The Hong Kong University of Science and Technology Art Initiatives and Special Collections between Research and Community Engagement

 

Dr. Marco Caboara
Hong Kong University of Science and Technology

Raymond Rohne
Hong Kong University of Science and Technology

 

 

Established in 1991, the Hong Kong University of Science and Technology (HKUST) is celebrating its 30th anniversary this year. In this period the University has reached international recognition and it has been ranked first in the Times Higher Education Young University Rankings in 2019 and second by QS world's under-50 universities in 2020.

While its reputation is above all build upon its excellence in the two schools of science and engineering, the university has other two academic schools, covering business and management as well as humanities and social science.

This academic structure shows a recognition and championing of the links between science and humanities and a commitment to a holistic education, which has brought since the beginning to use art installations and exhibitions to engage the academic community and more widely the Hong Kong public.

The first part of the paper, authored by Ray Rohne, will review HKUST’s initial period, when exhibitions in the library and usage of art across the campus brought a very active engagement of local artists of international renown.
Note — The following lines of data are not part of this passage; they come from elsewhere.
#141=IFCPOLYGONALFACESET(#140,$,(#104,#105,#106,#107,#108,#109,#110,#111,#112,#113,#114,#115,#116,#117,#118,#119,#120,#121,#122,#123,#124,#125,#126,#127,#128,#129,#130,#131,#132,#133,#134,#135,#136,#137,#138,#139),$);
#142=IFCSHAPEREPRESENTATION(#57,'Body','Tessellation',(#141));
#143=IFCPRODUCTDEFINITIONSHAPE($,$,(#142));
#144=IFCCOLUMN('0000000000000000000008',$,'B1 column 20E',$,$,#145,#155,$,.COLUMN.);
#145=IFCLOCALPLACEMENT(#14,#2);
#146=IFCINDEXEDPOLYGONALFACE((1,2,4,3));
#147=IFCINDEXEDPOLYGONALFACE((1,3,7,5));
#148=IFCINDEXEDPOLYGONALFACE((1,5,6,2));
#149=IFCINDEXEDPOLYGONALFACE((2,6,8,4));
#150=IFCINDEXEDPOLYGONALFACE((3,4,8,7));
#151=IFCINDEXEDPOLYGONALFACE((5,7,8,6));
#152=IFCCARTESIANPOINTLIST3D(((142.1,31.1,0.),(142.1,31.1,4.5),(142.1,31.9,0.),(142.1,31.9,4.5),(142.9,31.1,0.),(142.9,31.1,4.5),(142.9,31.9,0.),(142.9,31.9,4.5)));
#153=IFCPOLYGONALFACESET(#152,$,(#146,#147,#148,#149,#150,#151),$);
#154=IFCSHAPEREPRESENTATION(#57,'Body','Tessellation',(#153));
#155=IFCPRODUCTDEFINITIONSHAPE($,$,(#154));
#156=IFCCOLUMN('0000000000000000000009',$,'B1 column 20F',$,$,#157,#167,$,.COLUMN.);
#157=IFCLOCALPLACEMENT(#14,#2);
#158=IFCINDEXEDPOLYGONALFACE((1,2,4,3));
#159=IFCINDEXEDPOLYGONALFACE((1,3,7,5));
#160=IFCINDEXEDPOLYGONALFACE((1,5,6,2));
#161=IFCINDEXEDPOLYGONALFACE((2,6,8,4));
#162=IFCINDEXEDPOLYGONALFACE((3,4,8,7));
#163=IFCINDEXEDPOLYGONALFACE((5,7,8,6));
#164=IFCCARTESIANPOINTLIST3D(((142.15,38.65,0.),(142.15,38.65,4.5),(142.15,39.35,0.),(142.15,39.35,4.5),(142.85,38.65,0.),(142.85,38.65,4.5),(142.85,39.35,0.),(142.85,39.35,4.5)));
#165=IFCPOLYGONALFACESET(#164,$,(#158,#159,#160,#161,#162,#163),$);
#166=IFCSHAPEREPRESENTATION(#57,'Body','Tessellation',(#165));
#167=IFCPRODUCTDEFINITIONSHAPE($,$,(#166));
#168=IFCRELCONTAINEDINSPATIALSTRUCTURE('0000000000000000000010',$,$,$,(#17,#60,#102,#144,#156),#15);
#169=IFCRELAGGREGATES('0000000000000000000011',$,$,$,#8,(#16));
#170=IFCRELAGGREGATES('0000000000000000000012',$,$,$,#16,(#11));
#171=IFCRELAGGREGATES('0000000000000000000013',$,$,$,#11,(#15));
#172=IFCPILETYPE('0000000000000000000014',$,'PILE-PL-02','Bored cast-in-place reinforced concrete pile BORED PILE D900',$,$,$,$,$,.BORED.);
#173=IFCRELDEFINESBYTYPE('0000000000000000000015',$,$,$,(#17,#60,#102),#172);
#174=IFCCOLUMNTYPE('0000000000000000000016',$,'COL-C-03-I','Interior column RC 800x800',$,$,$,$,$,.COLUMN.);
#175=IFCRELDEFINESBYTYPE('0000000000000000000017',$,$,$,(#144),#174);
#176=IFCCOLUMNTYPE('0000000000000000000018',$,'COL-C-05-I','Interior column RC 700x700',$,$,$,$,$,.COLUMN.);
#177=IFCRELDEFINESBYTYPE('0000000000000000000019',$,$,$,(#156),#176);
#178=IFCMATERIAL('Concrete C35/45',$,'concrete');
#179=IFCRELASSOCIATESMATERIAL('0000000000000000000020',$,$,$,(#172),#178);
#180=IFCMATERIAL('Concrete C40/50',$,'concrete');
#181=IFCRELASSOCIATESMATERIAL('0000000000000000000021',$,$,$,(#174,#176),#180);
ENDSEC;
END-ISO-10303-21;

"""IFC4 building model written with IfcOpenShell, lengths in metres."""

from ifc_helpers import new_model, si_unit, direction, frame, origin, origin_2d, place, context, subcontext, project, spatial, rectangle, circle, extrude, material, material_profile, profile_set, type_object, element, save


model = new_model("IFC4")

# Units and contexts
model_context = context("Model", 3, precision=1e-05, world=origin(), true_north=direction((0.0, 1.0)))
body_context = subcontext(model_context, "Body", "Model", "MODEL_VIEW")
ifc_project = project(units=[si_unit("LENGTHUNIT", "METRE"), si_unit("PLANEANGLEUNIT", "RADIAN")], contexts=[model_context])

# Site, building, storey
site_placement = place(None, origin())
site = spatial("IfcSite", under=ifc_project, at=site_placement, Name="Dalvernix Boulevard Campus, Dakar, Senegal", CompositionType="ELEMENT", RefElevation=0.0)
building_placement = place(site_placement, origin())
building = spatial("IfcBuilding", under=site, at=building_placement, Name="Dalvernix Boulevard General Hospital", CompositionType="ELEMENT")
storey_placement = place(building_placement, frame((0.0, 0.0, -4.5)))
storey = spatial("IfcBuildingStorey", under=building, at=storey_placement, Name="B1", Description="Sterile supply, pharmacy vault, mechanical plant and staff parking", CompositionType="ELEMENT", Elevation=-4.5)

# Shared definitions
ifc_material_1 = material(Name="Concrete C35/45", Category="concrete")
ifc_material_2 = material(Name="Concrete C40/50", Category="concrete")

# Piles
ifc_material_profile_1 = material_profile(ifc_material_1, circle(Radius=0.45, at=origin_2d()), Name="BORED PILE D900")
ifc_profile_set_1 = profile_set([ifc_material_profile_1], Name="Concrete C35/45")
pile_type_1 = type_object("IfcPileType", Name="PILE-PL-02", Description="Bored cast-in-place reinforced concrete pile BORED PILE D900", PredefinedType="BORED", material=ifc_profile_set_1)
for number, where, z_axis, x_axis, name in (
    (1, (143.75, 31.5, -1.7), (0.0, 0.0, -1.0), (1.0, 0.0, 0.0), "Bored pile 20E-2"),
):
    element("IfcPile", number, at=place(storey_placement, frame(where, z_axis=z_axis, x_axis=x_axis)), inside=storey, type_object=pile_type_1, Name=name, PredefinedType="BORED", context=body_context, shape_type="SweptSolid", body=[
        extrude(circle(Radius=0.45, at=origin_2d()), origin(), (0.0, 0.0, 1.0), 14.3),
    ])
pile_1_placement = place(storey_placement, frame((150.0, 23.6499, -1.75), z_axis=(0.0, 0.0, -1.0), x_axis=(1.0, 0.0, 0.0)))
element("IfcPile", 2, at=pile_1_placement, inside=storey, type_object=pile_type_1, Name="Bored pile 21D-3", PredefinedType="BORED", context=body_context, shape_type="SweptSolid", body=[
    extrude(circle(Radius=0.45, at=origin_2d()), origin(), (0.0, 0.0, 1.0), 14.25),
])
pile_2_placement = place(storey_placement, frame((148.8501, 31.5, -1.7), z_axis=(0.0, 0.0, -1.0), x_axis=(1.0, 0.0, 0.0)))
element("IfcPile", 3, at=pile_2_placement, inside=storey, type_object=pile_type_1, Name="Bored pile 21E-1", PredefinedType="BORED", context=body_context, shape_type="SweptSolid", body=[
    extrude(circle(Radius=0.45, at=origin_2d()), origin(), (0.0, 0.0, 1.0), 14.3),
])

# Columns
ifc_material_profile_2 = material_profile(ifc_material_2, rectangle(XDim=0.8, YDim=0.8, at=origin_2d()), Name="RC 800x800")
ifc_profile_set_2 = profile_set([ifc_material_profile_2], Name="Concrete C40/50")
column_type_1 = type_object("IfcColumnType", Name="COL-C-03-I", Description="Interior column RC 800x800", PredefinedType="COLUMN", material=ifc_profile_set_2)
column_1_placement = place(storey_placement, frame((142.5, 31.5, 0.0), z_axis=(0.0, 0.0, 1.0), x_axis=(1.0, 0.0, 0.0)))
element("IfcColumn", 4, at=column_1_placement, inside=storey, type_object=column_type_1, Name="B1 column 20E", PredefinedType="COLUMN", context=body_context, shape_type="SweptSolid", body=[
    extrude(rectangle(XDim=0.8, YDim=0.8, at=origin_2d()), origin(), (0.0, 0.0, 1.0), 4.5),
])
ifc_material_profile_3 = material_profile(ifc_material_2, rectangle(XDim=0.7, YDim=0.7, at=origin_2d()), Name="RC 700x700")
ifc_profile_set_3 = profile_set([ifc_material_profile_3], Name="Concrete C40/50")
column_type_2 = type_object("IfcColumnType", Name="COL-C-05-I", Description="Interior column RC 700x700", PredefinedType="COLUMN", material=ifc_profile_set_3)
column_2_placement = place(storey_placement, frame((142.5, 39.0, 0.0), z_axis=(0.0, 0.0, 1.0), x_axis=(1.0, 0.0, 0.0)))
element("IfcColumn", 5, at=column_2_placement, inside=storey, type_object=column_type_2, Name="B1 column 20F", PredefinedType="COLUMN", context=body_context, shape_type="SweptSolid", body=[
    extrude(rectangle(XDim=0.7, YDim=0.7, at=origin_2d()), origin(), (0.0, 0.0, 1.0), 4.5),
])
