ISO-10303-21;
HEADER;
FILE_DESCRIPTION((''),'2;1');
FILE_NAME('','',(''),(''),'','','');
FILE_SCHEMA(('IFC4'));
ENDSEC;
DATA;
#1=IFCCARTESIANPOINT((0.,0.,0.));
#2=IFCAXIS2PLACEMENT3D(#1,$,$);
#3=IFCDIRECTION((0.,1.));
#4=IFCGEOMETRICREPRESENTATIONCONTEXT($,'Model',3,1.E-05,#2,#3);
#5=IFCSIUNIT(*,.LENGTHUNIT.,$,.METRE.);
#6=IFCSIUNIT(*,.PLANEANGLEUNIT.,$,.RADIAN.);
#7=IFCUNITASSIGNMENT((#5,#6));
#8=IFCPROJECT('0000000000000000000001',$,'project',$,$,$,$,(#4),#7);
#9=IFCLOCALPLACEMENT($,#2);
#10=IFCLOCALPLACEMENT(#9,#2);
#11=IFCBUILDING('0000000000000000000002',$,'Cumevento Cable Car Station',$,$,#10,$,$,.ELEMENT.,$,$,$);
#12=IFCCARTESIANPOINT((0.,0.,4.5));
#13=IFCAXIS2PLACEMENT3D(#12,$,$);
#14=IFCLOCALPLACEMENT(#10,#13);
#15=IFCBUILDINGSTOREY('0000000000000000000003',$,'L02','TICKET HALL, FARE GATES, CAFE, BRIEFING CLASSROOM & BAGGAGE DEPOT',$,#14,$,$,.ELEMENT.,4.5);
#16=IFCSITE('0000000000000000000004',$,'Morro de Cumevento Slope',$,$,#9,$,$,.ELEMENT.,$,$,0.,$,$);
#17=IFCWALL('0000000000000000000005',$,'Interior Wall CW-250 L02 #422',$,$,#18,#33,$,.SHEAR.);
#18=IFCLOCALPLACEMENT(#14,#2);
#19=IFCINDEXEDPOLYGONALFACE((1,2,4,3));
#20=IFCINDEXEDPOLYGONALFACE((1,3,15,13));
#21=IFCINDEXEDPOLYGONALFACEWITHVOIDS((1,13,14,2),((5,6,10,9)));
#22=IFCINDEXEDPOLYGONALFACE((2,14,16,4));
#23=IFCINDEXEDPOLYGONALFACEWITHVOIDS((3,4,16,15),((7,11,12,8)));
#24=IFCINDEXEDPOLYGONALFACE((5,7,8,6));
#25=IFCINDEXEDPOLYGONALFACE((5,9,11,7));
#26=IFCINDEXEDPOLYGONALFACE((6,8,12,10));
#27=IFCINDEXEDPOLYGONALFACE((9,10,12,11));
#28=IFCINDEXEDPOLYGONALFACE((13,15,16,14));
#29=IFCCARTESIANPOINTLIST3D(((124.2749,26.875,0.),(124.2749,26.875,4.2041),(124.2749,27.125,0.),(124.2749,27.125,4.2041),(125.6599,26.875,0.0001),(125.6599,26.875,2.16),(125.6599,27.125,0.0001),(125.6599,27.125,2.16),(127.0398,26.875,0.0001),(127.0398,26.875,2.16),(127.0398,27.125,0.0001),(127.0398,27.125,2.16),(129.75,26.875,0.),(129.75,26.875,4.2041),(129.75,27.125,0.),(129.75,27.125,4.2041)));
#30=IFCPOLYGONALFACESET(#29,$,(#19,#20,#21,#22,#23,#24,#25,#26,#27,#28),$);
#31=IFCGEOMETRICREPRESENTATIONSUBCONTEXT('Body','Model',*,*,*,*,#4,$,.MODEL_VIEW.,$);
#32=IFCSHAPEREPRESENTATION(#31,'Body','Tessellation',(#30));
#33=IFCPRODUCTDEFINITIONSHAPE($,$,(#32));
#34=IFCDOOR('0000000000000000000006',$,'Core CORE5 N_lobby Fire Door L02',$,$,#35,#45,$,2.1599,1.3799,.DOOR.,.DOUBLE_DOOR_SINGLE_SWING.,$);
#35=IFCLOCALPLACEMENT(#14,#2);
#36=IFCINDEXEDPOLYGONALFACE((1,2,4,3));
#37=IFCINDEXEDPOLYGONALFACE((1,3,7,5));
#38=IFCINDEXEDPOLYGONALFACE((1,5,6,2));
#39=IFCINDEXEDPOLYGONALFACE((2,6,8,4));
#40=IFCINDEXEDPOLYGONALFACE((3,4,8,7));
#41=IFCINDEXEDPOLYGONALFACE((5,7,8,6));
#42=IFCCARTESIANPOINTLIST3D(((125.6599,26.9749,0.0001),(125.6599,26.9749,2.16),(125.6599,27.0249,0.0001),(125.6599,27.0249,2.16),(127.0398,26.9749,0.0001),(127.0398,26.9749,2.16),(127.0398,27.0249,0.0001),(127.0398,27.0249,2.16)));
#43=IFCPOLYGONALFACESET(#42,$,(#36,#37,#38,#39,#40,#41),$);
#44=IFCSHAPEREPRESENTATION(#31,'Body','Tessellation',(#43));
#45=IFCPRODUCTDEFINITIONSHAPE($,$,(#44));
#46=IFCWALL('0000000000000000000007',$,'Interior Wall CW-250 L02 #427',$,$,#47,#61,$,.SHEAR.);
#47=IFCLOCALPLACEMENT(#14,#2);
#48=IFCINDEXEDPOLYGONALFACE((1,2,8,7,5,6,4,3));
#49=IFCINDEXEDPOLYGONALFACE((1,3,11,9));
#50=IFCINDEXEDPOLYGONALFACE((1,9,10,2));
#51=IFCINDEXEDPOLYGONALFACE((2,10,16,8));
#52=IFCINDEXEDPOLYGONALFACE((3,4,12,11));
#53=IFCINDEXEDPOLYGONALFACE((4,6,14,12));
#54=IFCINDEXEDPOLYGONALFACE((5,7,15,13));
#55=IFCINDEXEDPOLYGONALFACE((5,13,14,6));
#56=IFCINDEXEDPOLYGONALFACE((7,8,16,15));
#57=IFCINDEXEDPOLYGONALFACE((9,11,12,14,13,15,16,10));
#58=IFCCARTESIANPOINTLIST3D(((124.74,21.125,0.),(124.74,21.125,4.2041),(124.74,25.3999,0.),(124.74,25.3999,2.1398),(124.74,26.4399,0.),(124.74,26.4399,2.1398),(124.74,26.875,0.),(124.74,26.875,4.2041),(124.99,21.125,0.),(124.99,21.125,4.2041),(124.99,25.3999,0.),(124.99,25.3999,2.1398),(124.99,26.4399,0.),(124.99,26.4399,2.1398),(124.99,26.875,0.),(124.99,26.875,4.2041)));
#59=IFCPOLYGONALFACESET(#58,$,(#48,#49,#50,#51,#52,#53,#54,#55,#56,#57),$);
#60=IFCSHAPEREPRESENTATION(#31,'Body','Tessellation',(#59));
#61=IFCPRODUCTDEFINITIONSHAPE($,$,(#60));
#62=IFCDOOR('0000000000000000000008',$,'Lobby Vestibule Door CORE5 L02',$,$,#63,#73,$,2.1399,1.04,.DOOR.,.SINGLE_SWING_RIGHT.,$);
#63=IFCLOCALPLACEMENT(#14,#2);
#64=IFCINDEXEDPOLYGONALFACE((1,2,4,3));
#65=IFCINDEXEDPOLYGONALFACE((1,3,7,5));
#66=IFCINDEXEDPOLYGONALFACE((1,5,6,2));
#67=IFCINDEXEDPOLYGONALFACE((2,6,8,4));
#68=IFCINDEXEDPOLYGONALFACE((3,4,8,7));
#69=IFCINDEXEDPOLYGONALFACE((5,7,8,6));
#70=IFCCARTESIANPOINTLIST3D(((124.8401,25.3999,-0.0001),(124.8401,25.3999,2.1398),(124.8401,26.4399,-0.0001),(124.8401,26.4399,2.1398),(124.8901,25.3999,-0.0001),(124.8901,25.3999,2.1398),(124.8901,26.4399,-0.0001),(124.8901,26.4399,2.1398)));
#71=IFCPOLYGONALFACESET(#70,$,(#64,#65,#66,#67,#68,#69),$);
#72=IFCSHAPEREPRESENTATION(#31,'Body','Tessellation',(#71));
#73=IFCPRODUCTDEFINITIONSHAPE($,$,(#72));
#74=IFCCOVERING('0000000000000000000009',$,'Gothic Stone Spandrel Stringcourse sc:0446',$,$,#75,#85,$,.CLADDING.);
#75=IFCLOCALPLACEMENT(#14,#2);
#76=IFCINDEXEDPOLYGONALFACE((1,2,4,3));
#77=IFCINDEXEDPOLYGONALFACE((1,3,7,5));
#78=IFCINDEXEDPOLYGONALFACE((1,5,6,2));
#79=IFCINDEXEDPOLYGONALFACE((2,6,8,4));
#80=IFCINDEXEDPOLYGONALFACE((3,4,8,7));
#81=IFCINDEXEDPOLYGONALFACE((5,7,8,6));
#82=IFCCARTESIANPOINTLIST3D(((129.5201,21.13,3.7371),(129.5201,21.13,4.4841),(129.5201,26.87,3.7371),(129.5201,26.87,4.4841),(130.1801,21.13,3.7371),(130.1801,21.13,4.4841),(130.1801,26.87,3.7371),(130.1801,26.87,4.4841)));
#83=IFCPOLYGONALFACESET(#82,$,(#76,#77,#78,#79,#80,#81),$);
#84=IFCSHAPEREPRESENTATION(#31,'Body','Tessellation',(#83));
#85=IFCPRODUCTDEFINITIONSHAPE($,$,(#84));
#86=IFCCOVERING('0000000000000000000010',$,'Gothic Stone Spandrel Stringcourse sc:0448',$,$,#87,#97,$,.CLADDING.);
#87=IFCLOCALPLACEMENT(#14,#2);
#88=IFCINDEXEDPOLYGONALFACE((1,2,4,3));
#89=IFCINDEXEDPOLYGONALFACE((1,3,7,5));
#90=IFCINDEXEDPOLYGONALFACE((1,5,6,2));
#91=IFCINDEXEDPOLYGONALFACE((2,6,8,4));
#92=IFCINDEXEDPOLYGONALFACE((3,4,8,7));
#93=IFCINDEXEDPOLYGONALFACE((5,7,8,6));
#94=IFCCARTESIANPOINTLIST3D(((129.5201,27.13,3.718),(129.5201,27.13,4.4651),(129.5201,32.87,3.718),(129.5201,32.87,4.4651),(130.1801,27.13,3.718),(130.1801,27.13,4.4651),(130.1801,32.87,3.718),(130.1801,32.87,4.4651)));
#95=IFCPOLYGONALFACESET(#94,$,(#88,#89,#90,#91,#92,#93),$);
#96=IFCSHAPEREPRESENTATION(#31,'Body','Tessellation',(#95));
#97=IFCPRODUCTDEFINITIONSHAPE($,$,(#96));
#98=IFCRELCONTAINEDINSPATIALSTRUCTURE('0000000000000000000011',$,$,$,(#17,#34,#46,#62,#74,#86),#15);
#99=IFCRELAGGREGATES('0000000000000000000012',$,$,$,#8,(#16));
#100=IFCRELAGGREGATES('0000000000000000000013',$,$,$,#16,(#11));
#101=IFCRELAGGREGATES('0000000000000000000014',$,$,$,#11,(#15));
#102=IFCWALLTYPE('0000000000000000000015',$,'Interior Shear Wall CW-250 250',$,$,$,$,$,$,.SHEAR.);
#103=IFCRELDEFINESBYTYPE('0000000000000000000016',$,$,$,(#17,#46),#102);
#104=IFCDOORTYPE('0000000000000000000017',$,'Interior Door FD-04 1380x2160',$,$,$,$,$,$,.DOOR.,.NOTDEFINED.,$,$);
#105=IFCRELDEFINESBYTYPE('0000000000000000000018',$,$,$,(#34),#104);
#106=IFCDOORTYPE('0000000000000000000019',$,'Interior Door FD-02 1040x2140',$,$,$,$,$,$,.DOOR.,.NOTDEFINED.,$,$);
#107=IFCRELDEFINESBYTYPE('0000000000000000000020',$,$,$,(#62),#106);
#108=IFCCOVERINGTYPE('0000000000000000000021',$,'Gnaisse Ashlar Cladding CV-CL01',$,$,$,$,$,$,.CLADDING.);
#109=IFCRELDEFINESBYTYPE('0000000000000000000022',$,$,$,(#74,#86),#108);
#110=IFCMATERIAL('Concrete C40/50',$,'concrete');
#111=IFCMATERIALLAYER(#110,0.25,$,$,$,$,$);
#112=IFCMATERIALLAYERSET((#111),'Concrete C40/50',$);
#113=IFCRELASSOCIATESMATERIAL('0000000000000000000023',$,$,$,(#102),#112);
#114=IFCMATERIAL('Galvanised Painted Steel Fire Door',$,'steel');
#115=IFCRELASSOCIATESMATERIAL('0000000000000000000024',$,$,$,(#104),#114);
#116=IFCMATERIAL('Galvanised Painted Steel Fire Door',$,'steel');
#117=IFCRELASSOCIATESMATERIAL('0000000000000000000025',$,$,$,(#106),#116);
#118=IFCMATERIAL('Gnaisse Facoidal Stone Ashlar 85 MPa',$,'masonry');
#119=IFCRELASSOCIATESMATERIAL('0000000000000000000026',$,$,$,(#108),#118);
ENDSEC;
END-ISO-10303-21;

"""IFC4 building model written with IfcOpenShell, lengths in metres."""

from ifc_helpers import new_model, si_unit, direction, frame, frame_2d, origin, origin_2d, place, context, subcontext, project, spatial, rectangle, extrude, material, layer, layer_set, type_object, element, fill, save


model = new_model("IFC4")

# Units and contexts
model_context = context("Model", 3, precision=1e-05, world=origin(), true_north=direction((0.0, 1.0)))
body_context = subcontext(model_context, "Body", "Model", "MODEL_VIEW")
ifc_project = project(units=[si_unit("LENGTHUNIT", "METRE"), si_unit("PLANEANGLEUNIT", "RADIAN")], contexts=[model_context])

# Site, building, storey
site_placement = place(None, origin())
site = spatial("IfcSite", under=ifc_project, at=site_placement, Name="Morro de Cumevento Slope", CompositionType="ELEMENT", RefElevation=0.0)
building_placement = place(site_placement, origin())
building = spatial("IfcBuilding", under=site, at=building_placement, Name="Cumevento Cable Car Station", CompositionType="ELEMENT")
storey_placement = place(building_placement, frame((0.0, 0.0, 4.5)))
storey = spatial("IfcBuildingStorey", under=building, at=storey_placement, Name="L02", Description="TICKET HALL, FARE GATES, CAFE, BRIEFING CLASSROOM & BAGGAGE DEPOT", CompositionType="ELEMENT", Elevation=4.5)

# Walls, openings, doors
ifc_material_1 = material(Name="Concrete C40/50", Category="concrete")
ifc_layer_1 = layer(ifc_material_1, 0.25)
ifc_layer_set_1 = layer_set([ifc_layer_1], Name="Concrete C40/50")
wall_type_1 = type_object("IfcWallType", Name="Interior Shear Wall CW-250 250", PredefinedType="SHEAR", material=ifc_layer_set_1)
wall_1_placement = place(storey_placement, frame((124.2749, 27.0, 0.0), z_axis=(0.0, 0.0, 1.0), x_axis=(1.0, 0.0, 0.0)))
wall_1 = element("IfcWall", 1, at=wall_1_placement, inside=storey, type_object=wall_type_1, Name="Interior Wall CW-250 L02 #422", PredefinedType="SHEAR", context=body_context, shape_type="SweptSolid", body=[
    extrude(rectangle(XDim=5.4751, YDim=0.25, at=frame_2d((2.7375, 0.0))), origin(), (0.0, 0.0, 1.0), 4.2041),
])
opening_1_placement = place(wall_1_placement, frame((1.385, 0.0, 0.0)))
opening_1 = element("IfcOpeningElement", 2, at=opening_1_placement, cuts=wall_1, PredefinedType="OPENING", context=body_context, shape_type="SweptSolid", body=[
    extrude(rectangle(XDim=1.3799, YDim=2.1599, at=frame_2d((0.6899, 1.0801))), frame((0.0, 0.135, 0.0), z_axis=(0.0, -1.0, 0.0), x_axis=(1.0, 0.0, 0.0)), (0.0, 0.0, 1.0), 0.27),
])
ifc_material_2 = material(Name="Galvanised Painted Steel Fire Door", Category="steel")
door_type_1 = type_object("IfcDoorType", Name="Interior Door FD-04 1380x2160", OperationType="NOTDEFINED", PredefinedType="DOOR", material=ifc_material_2)
door_1_placement = place(opening_1_placement, origin())
door_1 = element("IfcDoor", 3, at=door_1_placement, inside=storey, type_object=door_type_1, Name="Core CORE5 N_lobby Fire Door L02", OperationType="DOUBLE_DOOR_SINGLE_SWING", OverallHeight=2.1599, OverallWidth=1.3799, PredefinedType="DOOR", context=body_context, shape_type="SweptSolid", body=[
    extrude(rectangle(XDim=1.3799, YDim=2.1599, at=frame_2d((0.6899, 1.0801))), frame((0.0, 0.0249, 0.0), z_axis=(0.0, -1.0, 0.0), x_axis=(1.0, 0.0, 0.0)), (0.0, 0.0, 1.0), 0.05),
])
fill(opening_1, door_1)
wall_2_placement = place(storey_placement, frame((124.865, 21.125, 0.0), z_axis=(0.0, 0.0, 1.0), x_axis=(0.0, 1.0, 0.0)))
wall_2 = element("IfcWall", 4, at=wall_2_placement, inside=storey, type_object=wall_type_1, Name="Interior Wall CW-250 L02 #427", PredefinedType="SHEAR", context=body_context, shape_type="SweptSolid", body=[
    extrude(rectangle(XDim=5.75, YDim=0.25, at=frame_2d((2.875, 0.0))), origin(), (0.0, 0.0, 1.0), 4.2041),
])
opening_2_placement = place(wall_2_placement, frame((4.2749, 0.0, 0.0)))
opening_2 = element("IfcOpeningElement", 5, at=opening_2_placement, cuts=wall_2, PredefinedType="OPENING", context=body_context, shape_type="SweptSolid", body=[
    extrude(rectangle(XDim=1.04, YDim=2.1399, at=frame_2d((0.52, 1.0698))), frame((0.0, 0.135, 0.0), z_axis=(0.0, -1.0, 0.0), x_axis=(1.0, 0.0, 0.0)), (0.0, 0.0, 1.0), 0.27),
The second part will cover the special role of Library’s Special Collections of Antique Maps of China, which is the largest collection of European printed maps on China in East Asia, in promoting both research and community engagement.

The maps are held in the Special Collections Room and are periodically displayed in the Special Collections Gallery, both situated in the library. As the University does not have an academic museum, the Special Collections Room and Gallery have been used as final stop in visits by academics and VIPs to display unique items. Its items have also frequently been given on loan to local public and academic museums.

Thanks to a private donation, the collection has been recently expanded in two directions: 1) to support a research project covering all Western printed maps of China from the first published in Europe, in 1584, to the largest and most updated Atlas of Maps of China published by French Jesuits in Paris on the basis of the first Chinese systematic cartographic survey of the whole country; 2) to cover Chinese and Japanese maps of China, East Asia and the world.

The research project will result in the publication of a book by the academic publisher Brill, a website hosted by the University, a large exhibition in the university auditorium and a course on the history of cartography taught by the map curator to accompany the map exhibition.

The exhibition will be hosted in the university’s new venue for cultural activities, the Shaw Auditorium.

The third part of the paper, written jointly by the two authors, will explore present and future art activities across the university, both in the library and in this new venue, and the projects to engage the HKUST community in these activities both on campus and online.